New Zealand clears its last COVID-19 case and will lift all coronavirus restrictions

New Zealand clears its last COVID-19 case and will lift all coronavirus restrictions

New Zealand street Wellington
People walk on a street in Wellington's Central Business District on May 14, 2020. (File photo: AFP/Marty Melville) 

WELLINGTON: New Zealand's Prime Minister Jacinda Ardern said on Monday (Jun 8) that all COVID-19 measures in the country will be lifted from Tuesday, barring border closure restrictions, as the coronavirus had been eliminated from the country.

The country would move to national alert level 1 from midnight on Monday, Ardern said in a news conference.

She said public and private events can go on without restrictions, retail and hospitality sectors can operate normally, and all public transport can resume.

"While we’re in a safer, stronger position there’s still no easy path back to pre-COVID life, but the determination and focus we have had on our health response will now be vested in our economic rebuild," Ardern said.

"While the job is not done, there is no denying this is a milestone. So can I finish with a very simple 'Thank you, New Zealand'."

READ: 'We have won that battle': New Zealand PM on COVID-19 transmission

READ: Crewcuts and catch-ups as New Zealand COVID-19 lockdown ends

The South Pacific nation of about 5 million people is emerging from the pandemic while big economies such as Brazil, Britain, India and the United States grapple with the spreading virus.

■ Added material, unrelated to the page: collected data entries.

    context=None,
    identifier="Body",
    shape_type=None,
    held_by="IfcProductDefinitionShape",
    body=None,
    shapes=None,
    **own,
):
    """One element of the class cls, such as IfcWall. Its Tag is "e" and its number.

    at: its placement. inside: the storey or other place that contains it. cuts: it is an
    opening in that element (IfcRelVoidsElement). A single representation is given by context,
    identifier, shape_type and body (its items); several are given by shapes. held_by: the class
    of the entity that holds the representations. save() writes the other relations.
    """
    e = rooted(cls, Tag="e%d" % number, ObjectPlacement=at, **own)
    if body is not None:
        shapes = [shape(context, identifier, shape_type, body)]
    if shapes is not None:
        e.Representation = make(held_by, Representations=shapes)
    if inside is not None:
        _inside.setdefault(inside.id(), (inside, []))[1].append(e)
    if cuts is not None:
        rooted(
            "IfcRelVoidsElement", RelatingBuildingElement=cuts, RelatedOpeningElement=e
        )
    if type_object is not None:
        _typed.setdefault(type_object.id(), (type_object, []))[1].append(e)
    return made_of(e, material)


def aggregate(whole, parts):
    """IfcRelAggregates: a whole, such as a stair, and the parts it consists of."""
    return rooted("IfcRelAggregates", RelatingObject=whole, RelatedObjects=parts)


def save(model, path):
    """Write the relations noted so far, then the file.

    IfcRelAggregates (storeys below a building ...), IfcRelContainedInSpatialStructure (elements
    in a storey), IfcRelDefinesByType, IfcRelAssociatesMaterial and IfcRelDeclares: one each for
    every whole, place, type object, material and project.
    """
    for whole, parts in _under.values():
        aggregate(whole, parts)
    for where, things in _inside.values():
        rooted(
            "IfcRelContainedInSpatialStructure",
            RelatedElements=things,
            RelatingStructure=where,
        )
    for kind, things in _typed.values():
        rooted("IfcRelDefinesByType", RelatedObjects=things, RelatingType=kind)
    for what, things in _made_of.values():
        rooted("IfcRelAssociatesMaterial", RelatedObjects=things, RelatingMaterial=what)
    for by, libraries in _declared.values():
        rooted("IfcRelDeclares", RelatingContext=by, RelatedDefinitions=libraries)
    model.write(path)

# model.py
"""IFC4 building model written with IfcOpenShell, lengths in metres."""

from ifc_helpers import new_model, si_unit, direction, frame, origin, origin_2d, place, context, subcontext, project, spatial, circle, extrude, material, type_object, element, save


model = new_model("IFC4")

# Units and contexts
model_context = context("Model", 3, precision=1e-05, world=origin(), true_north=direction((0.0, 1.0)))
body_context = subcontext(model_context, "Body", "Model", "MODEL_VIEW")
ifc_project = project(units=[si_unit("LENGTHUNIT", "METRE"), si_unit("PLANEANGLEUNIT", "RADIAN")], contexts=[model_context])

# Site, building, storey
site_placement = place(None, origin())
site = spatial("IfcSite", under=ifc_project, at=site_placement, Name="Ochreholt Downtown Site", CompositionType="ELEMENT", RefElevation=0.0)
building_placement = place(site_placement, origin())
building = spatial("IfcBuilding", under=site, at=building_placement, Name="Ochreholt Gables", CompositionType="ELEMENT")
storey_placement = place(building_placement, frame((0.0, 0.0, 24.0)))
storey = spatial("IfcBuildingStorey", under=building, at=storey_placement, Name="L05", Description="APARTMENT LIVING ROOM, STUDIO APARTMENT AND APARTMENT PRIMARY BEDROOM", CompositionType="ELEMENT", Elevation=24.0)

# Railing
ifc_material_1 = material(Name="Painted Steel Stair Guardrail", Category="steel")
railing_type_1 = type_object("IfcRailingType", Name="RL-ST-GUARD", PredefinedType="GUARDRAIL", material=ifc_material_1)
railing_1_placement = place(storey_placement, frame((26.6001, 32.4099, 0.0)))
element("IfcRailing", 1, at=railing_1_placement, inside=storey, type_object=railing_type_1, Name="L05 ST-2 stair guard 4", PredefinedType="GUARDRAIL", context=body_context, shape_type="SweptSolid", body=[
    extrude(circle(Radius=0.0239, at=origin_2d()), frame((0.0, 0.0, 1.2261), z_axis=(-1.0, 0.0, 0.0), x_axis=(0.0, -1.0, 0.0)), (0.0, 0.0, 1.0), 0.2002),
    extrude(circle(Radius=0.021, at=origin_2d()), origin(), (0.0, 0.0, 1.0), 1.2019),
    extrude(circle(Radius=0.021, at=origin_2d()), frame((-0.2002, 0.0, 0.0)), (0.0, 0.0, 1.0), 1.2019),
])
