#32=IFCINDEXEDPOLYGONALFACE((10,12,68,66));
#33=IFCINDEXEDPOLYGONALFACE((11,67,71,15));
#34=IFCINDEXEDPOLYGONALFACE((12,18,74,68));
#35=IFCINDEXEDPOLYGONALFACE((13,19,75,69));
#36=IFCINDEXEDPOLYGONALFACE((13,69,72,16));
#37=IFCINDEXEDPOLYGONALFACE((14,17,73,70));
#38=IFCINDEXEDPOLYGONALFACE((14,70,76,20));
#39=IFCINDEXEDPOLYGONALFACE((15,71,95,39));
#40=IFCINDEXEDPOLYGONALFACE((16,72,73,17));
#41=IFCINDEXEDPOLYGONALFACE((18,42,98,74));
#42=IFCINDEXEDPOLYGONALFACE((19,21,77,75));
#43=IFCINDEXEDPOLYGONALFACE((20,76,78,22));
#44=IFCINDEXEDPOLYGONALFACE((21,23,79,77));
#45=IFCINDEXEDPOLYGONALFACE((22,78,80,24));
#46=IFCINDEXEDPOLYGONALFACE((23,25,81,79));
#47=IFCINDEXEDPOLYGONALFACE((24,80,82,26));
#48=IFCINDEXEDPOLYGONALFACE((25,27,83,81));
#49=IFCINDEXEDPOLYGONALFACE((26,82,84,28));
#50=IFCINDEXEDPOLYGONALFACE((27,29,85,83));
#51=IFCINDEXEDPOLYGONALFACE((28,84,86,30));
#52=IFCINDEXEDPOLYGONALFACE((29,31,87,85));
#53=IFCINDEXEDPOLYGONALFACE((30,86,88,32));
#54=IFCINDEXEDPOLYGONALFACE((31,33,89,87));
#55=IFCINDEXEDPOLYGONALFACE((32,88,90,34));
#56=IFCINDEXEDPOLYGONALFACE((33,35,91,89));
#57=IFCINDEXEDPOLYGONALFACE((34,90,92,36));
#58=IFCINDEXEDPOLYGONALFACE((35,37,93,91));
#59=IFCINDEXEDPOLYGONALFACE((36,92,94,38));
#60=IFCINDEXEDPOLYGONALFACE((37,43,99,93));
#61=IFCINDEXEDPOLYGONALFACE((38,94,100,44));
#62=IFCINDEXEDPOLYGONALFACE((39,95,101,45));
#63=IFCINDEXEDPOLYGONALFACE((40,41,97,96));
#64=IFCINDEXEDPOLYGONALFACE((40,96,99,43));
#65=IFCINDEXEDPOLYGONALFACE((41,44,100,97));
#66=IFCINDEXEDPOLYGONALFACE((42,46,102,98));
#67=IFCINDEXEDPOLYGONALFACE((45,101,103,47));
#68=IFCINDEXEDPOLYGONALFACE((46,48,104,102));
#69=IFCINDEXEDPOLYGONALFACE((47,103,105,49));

"We are confident we have eliminated transmission of the virus in New Zealand for now, but elimination is not a point in time, it is a sustained effort," Ardern added.

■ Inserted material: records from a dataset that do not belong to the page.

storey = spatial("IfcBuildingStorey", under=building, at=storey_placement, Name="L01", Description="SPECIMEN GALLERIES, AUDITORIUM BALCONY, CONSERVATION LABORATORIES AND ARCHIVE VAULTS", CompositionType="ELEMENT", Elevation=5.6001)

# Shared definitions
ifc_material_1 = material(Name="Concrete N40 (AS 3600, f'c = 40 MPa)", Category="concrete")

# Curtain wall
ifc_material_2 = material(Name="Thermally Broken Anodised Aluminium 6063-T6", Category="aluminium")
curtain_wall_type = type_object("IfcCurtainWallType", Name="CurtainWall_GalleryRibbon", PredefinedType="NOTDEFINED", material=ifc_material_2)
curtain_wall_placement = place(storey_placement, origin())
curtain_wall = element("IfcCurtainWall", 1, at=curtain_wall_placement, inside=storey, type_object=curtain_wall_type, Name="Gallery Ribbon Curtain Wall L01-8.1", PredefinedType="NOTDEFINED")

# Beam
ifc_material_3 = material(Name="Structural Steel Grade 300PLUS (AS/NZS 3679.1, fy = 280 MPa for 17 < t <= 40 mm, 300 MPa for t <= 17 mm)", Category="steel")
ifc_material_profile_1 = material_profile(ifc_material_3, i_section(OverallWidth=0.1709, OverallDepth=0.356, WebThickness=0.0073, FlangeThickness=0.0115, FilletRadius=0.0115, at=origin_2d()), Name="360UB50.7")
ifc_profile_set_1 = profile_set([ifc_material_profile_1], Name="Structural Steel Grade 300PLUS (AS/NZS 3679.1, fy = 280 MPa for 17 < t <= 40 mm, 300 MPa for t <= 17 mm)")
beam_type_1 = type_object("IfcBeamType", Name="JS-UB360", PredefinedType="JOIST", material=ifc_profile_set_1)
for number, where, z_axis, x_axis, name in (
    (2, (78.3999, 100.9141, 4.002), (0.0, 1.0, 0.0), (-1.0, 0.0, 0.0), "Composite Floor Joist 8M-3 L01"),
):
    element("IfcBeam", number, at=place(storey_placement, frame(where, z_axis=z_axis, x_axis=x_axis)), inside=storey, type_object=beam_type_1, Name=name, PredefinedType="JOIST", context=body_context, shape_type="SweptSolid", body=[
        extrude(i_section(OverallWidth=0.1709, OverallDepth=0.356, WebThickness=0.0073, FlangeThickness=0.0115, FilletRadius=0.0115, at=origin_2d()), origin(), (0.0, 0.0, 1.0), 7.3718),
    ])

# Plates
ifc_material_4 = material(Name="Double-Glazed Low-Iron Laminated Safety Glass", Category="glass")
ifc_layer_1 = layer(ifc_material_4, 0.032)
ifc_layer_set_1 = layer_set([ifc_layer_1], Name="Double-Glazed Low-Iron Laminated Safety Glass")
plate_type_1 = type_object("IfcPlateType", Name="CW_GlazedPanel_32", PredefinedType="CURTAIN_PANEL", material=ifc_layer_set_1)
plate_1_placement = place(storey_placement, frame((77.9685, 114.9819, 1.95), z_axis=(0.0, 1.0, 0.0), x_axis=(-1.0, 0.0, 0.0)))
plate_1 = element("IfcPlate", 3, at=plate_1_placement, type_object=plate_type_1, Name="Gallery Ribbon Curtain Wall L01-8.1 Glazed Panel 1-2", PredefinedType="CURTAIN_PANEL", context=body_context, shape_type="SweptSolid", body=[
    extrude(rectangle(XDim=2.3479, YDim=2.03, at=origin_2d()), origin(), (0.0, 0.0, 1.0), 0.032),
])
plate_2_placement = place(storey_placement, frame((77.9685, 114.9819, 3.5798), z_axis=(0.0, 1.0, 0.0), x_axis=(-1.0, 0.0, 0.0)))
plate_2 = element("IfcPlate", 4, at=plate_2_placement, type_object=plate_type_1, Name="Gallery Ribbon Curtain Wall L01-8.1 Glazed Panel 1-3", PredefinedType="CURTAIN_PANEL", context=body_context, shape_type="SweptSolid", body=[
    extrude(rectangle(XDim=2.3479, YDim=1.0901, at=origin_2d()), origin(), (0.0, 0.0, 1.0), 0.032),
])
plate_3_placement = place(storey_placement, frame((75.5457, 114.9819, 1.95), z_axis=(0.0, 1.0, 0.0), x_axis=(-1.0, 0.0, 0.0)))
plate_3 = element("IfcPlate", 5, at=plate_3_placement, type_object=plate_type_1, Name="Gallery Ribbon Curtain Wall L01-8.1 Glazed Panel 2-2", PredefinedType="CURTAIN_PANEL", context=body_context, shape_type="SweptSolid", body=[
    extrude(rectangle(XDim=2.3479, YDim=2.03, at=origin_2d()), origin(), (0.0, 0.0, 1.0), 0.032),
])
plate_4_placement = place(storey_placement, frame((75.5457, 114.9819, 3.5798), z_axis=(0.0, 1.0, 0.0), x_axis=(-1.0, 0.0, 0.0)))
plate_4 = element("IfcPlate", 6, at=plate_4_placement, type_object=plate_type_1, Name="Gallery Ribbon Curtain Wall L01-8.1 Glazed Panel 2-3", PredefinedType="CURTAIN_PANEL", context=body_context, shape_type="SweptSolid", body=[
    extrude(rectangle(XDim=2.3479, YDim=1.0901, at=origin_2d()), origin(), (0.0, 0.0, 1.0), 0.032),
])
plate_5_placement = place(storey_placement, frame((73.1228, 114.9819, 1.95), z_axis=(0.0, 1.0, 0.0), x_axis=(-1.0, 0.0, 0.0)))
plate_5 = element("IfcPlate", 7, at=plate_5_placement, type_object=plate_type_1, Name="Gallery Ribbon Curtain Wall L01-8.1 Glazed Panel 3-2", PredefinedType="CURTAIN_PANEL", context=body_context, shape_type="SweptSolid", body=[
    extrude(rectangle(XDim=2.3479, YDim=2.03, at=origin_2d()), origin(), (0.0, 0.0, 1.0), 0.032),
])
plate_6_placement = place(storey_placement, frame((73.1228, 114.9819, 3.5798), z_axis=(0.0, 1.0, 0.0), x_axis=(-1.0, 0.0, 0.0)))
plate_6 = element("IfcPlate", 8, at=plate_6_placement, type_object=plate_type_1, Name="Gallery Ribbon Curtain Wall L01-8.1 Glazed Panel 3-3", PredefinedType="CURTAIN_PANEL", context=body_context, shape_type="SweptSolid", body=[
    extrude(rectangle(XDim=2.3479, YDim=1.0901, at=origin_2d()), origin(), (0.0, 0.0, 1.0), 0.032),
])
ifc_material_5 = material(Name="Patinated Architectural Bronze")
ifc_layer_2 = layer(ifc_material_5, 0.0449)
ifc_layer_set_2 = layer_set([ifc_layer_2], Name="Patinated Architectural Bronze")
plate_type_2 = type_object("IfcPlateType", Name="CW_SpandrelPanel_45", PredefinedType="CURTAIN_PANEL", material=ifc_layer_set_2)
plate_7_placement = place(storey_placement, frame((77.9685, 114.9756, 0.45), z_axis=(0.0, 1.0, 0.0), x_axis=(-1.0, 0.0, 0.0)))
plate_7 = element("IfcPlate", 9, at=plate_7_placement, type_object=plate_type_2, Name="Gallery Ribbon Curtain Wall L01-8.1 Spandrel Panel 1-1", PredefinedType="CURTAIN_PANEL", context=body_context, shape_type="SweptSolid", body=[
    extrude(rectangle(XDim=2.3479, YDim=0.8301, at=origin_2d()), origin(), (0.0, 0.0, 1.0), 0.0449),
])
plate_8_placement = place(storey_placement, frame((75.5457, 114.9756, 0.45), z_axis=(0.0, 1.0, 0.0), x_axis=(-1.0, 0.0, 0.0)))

Health authorities announced on Monday that the nation no longer had active COVID-19 cases after the country's final patient was given the all-clear and released from isolation.

The milestone was "really good news" and an achievement the whole of New Zealand could take heart from, health department director-general Ashley Bloomfield said.

"Having no active cases for the first time since Feb 28 is certainly a significant mark in our journey but, as we've previously said, ongoing vigilance against COVID-19 will continue to be essential," he said in a statement.

New Zealand has won praise for its handling of the pandemic, which involved a strict seven-week lockdown that ended last month after the virus was contained.

The country has reported 1,154 confirmed cases and 22 deaths from the disease.

READ: Commentary: Contact tracing holds key to eliminating COVID-19 in post-lockdown New Zealand

There have been no new infections for 17 days and, until Monday, just one active case for more than a week.

Details of the final patient were not released for privacy reasons but it is believed to be a woman aged in her 50s who was linked to a cluster at an Auckland nursing home.

"(The) remaining case has been symptom-free for 48 hours and is regarded as recovered. The person has now been released from isolation," the health department said.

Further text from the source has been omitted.